We wouldn’t be Time Out London if we didn’t pay homage to our indigenous cuisine. Here, quintessentially British dishes at the top of their class go head-to-head against classics with a more contemporary spin.
Dean Street Townhouse is one of those Soho restaurants that attract self-important media types, all flash watches and loud voices. But the menu grounds most people, as it’s old-fashioned and British – in the best sense. One signature dish is particularly brave, having been traduced to a mockery by generations of school caterers… yes, mince and tatties. The version here is piquant, properly browned, full-flavoured, wonderful in texture, and tastes of… childhood. If you ever want to show someone what everyday food in Britain was like in decades past, yet leave them with a favourable impression, order this dish.
When this Fulham gastropub opened in 2008, the heart of many a food pilgrim was set aflutter by the simple brilliance of its venison scotch egg, from the warm, oozing yolk to the toothsome casing of top-quality shredded venison fresh from Berkshire. The Harwood Arms is Fulham’s worst-kept secret, which makes dining tables hard to come by, but swing in for a pint and nibble at the bar.

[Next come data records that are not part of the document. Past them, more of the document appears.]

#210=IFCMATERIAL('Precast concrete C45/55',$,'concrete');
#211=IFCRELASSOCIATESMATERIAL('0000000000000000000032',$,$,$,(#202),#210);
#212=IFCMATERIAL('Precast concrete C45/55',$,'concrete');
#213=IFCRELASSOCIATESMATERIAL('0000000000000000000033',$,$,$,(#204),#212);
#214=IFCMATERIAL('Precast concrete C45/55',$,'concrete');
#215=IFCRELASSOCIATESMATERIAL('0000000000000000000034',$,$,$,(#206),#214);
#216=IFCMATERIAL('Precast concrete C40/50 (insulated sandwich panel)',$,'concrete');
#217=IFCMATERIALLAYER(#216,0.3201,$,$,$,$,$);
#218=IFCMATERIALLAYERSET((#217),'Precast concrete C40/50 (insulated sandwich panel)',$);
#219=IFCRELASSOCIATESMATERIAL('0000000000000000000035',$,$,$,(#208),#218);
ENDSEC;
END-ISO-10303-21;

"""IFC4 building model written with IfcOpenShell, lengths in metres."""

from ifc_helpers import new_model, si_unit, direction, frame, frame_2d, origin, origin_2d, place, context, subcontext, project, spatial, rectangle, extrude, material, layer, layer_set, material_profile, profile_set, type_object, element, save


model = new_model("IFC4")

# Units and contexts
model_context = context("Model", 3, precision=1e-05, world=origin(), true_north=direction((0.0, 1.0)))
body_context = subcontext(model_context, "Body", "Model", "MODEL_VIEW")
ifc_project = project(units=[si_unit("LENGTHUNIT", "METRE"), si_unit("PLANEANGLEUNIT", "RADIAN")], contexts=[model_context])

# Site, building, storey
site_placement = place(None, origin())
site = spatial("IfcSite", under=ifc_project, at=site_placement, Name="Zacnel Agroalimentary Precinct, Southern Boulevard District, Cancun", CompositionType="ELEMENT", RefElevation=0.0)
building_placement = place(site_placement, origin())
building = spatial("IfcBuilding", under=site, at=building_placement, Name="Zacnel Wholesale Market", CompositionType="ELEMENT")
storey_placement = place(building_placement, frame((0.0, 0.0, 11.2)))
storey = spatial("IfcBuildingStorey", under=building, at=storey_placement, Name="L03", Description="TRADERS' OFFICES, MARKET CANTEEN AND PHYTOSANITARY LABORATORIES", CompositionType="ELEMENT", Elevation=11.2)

Jason Atherton is known for his witty reconstructions of familiar dishes – like his famed BLT, which transforms the everyday sandwich into an elegant martini glass of jelly, mousse and purées. The Full English Breakfast is similar, with a slow-cooked egg as its centrepiece, atop a thick, intense tomato purée speckled with morels, croûtons and crisp shards of bacon. The only thing missing, perhaps, is an haute cuisine interpretation of baked beans.
Tuck into a great British tradition at this Hanbury Street chippy, safe in the knowledge that the fish is sustainably sourced and all the frying is overseen by Pat ‘Pop’ Newland, an East Ender with decades of trade knowledge under his belt. Poppies is civilised enough to draw in the smarter Spitalfields set (there are Meantime beers, wines and table service), but at its heart is a great no-nonsense chip shop.
£6.99, Old Spitalfields Market, 105C Commercial Street, E1 6BG
Starting life as a stall in Old Spitalfields Market back in 2001, the Square Pie Company has now grown to three London outlets. But this branch – in a swish shop unit – remains the flagship. Square Pie uses top-class ingredients and offers two sizes of square-sided pie. The fillings run from traditional (steak and Guinness) to quirky (mushroom and asparagus); all are served in funky cardboard takeaway boxes. The sumptuous mince pie comes with mashed potato and tasty, fresh mushy peas.
This smart Clapham restaurant specialises in Modern French cuisine, but also does a smashing Sunday lunch. The classy three courses for £35 centre around beautiful but gutsy roasts, the highlight being Aberdeen Angus sirloin with proper Yorkshire puddings, roast veg and fresh horseradish (grated with a flourish, table-side). Bookends might be charred mackerel with oyster mayonnaise and shrimps, or asparagus with Bayonne ham, curd and truffled egg for starters, and sticky date and toffee pudding for dessert. Service is top notch, and unexpectedly unfussy, for all the pressed linen and sparkling glassware about. Pricey, but very special.
Few dishes evoke a notion of Empire as much as this one, brought to the UK by colonials returning from Raj-era India. In Queen Victoria’s time kedgeree would be served in the morning, so it follows that you should enjoy it in the grand, clattering dining room of The Wolseley, arguably the capital’s ultimate breakfast venue. As it happens, this version, a heap of creamy curried rice punctuated by generous chunks of smoked mackerel and topped with a runny-middled poached egg, is so rich, so buttery, that it would do very nicely for brunch or even an early supper. Just as well the restaurant is open all day.